Libya's embattled parliament, which is locked in a conflict with Islamist militias, also expressed its condolences in a statement and called on the world to "show solidarity with Libya" against militants.

On Monday, the UN Security Council also condemned the apparent beheadings of 21 Egyptians by ISIS militants in Libya as "heinous and cowardly."

The White House slammed the beheadings, describing the killers as "despicable" and adding that the brutality shown "further galvanizes the international community to unite against ISIL," an alternative acronym for the group.

French President Francois Hollande, whose government is poised to sign a deal selling Egypt advanced Rafale fighter jets on Monday, expressed his "concern at the expansion of Daesh in Libya," using another name for ISIS.

Meanwhile, Libya's Islamist-led General National Congress (GNC) condemned Monday's strike as an assault on the country's sovereignty.

"We strongly condemn the Egyptian aggression on [the city of] Derna and consider it a violation of Libya's sovereignty," GNC deputy head Awad Abdulsadeq said in a televised address on Monday.

"Libya is a sovereign state; combating terrorism on its soil should be conducted by the Libyan state," he added

Complex insurgency

Egypt, the most populous Arab state, has not taken part directly in the US-led airstrikes against ISIS targets in Iraq and Syria, focusing instead on the increasingly complex insurgency within its own borders.

The United Arab Emirates, a close ally of Sisi, said it "would put all its capabilities to support Egypt's efforts to eradicate terrorism and the violence against its citizens."

Security officials say militants based in Libya have established ties with Sinai Province, which was previously called Ansar Beit al-Maqdis (Champions of Jerusalem). The group operating from Egypt's Sinai Peninsula and in November has pledged allegiance to ISIS.

Sinai Province has killed hundreds of Egyptian soldiers and police since the army toppled Islamist president Mohammed Mursi in 2013.

Militant groups claim their attacks are in retaliation for a government crackdown targeting Mursi's supporters that has left hundreds dead and thousands jailed.

Thousands of Brotherhood supporters are in jail as part of a security crackdown against the group on the Brotherhood since Mursi's ouster.

The Muslim Brotherhood says it is a peaceful movement, but authorities accuse its members of being involved with a Sinai Peninsula-based Islamist insurgency.

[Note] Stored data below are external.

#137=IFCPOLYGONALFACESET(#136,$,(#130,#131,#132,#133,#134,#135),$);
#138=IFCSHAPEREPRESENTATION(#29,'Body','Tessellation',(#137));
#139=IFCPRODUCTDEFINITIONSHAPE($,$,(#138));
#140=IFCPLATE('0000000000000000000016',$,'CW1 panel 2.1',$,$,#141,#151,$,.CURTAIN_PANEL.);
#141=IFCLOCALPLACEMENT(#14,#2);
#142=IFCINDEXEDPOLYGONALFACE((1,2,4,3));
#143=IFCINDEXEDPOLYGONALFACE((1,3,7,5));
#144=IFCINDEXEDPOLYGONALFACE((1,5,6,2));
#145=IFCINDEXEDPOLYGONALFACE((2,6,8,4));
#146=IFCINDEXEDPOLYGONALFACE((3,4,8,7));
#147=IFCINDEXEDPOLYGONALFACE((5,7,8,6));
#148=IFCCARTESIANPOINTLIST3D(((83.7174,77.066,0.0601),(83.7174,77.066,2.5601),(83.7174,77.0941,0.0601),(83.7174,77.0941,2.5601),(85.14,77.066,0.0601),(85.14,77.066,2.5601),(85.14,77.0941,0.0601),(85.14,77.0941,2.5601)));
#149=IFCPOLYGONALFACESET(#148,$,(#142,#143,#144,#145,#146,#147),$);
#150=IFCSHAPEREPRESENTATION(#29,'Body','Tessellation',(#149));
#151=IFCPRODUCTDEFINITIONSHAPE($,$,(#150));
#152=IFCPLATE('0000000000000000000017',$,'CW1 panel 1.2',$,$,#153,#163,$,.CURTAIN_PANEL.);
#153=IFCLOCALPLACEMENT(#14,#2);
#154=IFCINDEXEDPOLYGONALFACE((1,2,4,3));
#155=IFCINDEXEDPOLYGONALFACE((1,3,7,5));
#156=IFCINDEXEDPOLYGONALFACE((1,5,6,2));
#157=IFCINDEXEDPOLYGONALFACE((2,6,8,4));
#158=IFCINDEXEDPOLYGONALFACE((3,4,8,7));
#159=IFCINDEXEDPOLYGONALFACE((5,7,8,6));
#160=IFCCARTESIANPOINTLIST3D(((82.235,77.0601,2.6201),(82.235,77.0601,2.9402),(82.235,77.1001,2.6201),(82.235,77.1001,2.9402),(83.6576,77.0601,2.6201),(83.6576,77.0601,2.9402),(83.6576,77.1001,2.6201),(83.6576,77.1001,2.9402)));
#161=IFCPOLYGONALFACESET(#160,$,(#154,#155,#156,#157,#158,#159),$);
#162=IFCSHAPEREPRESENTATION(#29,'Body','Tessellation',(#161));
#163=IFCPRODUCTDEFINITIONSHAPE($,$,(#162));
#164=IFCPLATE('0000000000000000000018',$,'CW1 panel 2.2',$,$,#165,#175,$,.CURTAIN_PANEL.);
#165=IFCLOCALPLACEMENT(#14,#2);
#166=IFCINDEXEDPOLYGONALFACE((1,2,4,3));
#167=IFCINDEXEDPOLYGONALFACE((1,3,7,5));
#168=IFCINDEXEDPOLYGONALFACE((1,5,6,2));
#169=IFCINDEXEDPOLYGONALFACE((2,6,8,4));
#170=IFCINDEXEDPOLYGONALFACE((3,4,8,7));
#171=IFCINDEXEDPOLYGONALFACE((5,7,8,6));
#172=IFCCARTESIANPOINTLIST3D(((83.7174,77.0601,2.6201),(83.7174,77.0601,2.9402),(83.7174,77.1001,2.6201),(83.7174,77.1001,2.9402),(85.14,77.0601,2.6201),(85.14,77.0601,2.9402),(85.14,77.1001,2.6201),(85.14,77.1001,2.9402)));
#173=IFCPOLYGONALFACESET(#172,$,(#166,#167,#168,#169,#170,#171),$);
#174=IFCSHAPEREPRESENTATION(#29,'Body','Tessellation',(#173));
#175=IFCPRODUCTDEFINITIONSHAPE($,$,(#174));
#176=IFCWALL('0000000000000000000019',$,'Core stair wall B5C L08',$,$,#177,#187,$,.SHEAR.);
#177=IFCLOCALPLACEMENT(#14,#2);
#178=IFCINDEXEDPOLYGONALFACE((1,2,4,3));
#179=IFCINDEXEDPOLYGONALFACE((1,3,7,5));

In Libya, a number of Islamist militant groups have been active since the fall of Gaddafi in 2011. A few have declared ties to ISIS and claimed high-profile attacks over recent weeks in what appears to be an intensifying campaign.

Almost four years after a NATO-backed war ended Gaddafi's one-man rule, Libya is struggling with instability as two rival administrations compete for power and warring armed factions skirmish for control of territory across the North African state.

No further military intervention, Italy says

Italian Prime Minister Matteo Renzi on Monday ruled out general military intervention in Libya in the short-term after holding talks with Sisi.

With pressure for international action mounting after the beheading of 21 Egyptians, Renzi had a long telephone conversation with Sisi just hours after Egyptian warplanes bombed ISIS targets in Libya.

Sisi had agreed with Renzi that the next steps should be political and diplomatic efforts through the UN, the Italian premier's office said.

Italy had been pushing its allies to take a more proactive approach to the situation in Libya. Some of Renzi's ministers had stepped up their calls for action in recent days in reaction to the arrival of thousands of migrants who transit through Libya unhindered because of the chaos engulfing the former Italian colony.